Text available at Wikisource
- Country: United Kingdom
- Language: English
- Genre: Horror

Publication
- Published in: Ghost Stories of an Antiquary
- Publisher: Edward Arnold
- Publication date: 1904

= The Ash-tree =

1904 short story by M. R. James

"The Ash-tree" is a ghost story by British writer M. R. James, included in his 1904 book Ghost Stories of an Antiquary, and also collected again in his 1931 book The Collected Ghost Stories of M. R. James. It concerns mysterious deaths relating to an ash tree. It has been adapted many times, including a 1963 episode of KPFA/KPFK's The Black Mass, a 1975 episode of the BBC's A Ghost Story for Christmas, a 1986 episode of BBC2's Classic Ghost Stories series, and a 2000 episode of BBC Scotland's series Christopher Lee's Ghost Stories For Christmas.

==Plot summary==

===1690===
In 1690, the English county of Suffolk is wracked with a fear of witches. Many women are accused of casting spells and causing mayhem. One such accused is Mrs. Mothersole. The only evidence of her witchcraft are eyewitness accounts by Sir Matthew Fell, the owner of a local seat named Castringham. Outside his bedroom window grows a monstrous ash tree, where on moonlit nights he would supposedly see Mrs. Mothersole climbing the trunk and snipping branches with a dagger. Despite her pleas, she is found guilty and hanged. Before the noose is pulled, she dully intones "There will be guests at the Hall." She is buried in the local graveyard.

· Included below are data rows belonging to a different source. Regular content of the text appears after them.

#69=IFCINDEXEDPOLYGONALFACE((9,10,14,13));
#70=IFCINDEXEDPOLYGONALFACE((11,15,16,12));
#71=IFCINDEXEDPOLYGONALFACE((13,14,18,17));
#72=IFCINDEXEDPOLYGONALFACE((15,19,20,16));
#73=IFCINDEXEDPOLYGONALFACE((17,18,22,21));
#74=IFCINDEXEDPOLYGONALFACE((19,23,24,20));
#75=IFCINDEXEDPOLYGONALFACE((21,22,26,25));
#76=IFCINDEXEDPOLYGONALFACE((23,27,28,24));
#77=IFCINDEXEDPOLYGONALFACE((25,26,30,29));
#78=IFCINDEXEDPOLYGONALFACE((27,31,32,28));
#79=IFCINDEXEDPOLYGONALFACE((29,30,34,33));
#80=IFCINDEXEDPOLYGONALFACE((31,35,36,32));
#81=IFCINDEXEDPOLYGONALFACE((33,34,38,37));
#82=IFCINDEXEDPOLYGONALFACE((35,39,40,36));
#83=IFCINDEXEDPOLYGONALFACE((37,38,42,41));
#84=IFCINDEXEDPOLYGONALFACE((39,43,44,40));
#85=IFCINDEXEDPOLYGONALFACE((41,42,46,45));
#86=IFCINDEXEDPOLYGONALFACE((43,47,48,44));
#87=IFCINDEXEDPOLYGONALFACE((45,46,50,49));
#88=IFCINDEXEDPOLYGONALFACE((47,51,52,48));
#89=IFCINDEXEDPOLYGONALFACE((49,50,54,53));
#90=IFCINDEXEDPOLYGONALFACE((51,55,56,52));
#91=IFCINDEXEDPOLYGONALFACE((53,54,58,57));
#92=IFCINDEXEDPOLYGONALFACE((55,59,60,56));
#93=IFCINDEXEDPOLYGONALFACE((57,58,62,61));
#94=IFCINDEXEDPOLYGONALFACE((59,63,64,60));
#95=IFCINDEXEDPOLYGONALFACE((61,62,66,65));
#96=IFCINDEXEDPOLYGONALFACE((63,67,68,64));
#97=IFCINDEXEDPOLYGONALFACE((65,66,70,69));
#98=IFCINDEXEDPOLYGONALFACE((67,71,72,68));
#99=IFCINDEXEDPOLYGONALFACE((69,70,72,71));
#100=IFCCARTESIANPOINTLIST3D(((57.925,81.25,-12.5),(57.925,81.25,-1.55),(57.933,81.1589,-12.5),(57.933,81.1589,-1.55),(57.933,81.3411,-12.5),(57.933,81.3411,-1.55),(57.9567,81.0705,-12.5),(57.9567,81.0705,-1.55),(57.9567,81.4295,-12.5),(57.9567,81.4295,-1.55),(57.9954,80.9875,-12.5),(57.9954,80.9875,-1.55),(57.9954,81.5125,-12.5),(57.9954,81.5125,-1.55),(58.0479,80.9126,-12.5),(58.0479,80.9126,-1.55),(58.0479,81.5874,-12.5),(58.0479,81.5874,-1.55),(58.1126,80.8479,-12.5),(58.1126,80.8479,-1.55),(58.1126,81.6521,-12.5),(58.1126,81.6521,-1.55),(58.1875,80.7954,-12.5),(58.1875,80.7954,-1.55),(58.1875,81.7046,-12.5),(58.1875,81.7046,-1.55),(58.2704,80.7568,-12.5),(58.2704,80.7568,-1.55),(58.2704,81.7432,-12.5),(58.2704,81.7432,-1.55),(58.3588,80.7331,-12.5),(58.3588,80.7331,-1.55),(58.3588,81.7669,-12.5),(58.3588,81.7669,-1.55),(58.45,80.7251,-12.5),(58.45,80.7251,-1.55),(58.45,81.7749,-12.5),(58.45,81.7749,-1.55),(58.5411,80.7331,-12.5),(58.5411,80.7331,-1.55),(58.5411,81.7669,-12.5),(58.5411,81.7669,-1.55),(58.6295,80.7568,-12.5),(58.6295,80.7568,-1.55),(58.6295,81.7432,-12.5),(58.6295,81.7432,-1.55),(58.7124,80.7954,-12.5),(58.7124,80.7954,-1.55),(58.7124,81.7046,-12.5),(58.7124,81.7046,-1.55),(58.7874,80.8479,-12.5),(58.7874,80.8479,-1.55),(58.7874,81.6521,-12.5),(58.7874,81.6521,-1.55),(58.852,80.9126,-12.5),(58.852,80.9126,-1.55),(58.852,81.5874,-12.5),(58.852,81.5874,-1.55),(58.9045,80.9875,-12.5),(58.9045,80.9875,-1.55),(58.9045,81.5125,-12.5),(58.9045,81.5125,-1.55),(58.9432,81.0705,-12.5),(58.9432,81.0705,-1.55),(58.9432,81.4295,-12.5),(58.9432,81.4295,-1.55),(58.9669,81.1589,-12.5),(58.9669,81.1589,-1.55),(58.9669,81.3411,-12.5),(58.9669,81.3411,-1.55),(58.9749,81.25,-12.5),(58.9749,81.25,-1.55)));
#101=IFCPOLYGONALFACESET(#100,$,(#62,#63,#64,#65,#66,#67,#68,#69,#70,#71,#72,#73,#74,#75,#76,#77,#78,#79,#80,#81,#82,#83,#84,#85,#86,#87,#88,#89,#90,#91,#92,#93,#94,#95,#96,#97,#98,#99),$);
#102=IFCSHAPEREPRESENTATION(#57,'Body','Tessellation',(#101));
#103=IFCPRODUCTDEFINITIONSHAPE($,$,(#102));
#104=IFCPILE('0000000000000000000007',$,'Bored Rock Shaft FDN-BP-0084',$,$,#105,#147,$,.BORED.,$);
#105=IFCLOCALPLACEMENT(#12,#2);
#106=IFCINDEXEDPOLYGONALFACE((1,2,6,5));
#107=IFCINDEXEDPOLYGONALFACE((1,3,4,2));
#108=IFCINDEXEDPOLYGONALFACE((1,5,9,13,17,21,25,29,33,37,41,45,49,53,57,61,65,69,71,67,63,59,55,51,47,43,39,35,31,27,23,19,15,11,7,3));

A few weeks later, Sir Matthew and the local vicar are walking by the ash tree at dusk when they spy a creature in the branches that disappears before they can get a good look. As it is a warm night, the squire leaves his window open. The next day, he is found dead in bed with a severe look of pain and terror on his face. Though a postmortem is performed, no cause of death is found. The coroner, Mr. Crome, impulsively carries out the sortes biblicae, reading Luke 13:7, ("Cut it down"); Isaiah 13:20 ("It shall never be inhabited"), and Job 39:30 ("Her young ones also suck up blood").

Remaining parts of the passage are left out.